We knew the story. Both James and Paul himself have told how it was found, when Paul and his brother, exploring the moors as children, had come upon the strange passageway…and how the smaller of the brothers had been ‘encouraged’ to crawl down the low tunnel, finding that it led deep within the hill. We knew of the subsequent explorations and of the very strange happenings when, on several occasions, the blocking stone had moved of its own accord.
No explanations have been found, nor have any of the very many archaeologists contacted by James and Paul been able to offer any suggestions as to what the tunnel might be. On this moor completely covered by more archaeology than you can imagine, it is an anomaly; a single, unexplained tunnel in one of the few patches of moorland where there are…apparently…no surviving remains of the ancient culture that revered the land. Finding it, though, even when James knew exactly where to look, was no easy feat with the bracken so high.
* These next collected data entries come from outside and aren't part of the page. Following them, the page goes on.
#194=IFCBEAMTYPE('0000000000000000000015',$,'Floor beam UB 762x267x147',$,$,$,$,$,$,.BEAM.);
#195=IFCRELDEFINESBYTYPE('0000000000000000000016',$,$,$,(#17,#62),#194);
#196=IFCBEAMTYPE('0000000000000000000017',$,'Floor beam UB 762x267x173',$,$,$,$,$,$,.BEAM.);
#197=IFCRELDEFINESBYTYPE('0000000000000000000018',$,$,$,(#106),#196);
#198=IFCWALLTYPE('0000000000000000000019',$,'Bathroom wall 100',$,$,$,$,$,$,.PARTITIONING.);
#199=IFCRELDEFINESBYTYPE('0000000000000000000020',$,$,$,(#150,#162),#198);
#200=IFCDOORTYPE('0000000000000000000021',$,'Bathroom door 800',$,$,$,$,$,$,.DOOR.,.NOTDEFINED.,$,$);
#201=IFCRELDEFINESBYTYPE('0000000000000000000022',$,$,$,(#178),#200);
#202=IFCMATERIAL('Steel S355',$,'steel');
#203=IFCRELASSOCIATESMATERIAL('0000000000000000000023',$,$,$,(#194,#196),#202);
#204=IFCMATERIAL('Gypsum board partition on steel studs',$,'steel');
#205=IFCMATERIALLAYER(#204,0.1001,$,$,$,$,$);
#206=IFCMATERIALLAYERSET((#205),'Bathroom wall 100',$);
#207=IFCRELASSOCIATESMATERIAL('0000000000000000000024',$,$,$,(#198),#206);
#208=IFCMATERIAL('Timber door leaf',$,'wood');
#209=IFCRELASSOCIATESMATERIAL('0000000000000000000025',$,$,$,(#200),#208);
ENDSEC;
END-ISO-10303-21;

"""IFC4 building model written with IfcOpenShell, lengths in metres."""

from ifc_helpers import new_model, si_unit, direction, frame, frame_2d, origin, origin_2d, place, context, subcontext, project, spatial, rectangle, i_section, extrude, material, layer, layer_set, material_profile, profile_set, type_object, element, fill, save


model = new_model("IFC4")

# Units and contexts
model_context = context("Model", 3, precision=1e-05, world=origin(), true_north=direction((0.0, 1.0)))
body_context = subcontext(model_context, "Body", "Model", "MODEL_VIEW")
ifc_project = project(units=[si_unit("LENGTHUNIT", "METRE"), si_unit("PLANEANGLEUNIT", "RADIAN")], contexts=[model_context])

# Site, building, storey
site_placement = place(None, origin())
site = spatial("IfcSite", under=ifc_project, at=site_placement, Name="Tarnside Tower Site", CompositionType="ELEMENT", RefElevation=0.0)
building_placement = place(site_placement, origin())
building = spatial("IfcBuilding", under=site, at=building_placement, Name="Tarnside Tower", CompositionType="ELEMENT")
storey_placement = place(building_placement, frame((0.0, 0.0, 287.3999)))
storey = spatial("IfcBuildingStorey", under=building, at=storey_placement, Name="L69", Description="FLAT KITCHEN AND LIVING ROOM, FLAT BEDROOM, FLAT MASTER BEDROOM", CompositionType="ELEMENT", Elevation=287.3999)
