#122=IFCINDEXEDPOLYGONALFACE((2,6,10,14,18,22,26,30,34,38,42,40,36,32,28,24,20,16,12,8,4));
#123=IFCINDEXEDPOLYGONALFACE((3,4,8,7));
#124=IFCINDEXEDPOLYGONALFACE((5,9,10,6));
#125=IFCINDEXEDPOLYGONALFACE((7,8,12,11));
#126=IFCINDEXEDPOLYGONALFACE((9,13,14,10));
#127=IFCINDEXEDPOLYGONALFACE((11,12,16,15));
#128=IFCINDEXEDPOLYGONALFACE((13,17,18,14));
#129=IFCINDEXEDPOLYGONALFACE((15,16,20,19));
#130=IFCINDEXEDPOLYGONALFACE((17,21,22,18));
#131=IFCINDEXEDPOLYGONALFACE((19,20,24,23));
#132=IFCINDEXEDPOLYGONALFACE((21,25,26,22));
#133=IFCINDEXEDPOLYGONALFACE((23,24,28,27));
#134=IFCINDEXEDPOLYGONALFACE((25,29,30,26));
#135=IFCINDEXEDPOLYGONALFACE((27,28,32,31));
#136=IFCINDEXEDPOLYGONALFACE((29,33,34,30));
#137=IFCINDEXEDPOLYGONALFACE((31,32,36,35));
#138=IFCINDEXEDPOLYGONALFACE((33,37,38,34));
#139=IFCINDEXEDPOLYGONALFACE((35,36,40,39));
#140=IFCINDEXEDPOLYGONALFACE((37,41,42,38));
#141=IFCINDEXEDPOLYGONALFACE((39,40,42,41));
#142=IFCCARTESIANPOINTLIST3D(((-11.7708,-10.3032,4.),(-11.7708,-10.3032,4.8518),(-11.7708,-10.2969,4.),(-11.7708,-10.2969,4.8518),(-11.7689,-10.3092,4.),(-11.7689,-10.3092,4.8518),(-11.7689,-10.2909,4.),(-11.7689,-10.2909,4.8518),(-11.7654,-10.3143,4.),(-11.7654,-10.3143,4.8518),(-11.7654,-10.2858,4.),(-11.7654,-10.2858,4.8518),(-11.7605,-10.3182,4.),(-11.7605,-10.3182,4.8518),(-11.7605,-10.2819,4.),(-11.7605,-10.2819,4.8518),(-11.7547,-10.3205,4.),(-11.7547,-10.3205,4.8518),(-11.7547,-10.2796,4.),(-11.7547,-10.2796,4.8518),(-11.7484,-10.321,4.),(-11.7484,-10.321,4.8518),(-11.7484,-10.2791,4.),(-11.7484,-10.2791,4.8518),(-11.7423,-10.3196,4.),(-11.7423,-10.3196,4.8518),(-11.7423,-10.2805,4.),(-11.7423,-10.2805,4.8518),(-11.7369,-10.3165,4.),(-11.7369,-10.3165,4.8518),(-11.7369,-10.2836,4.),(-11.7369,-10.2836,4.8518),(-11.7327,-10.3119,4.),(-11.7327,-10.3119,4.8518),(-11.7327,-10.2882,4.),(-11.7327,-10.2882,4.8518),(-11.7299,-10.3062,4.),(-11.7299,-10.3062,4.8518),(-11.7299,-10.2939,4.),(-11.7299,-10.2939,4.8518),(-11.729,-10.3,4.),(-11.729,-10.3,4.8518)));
On top of that, “Even if we are right next to it, if the blocking stone is in place, we’ll never find it,” said James.
We had almost given up when Stuart had the idea of taking bearings from one of James’ photographs. Even that didn’t seem to work. “Can’t you ask the fairies again?” he said, referring to our finding of the elusive ‘wood-stone’. Sure enough, the fairies obliged and a moment later I found the tunnel, complete with its blocking stone in place.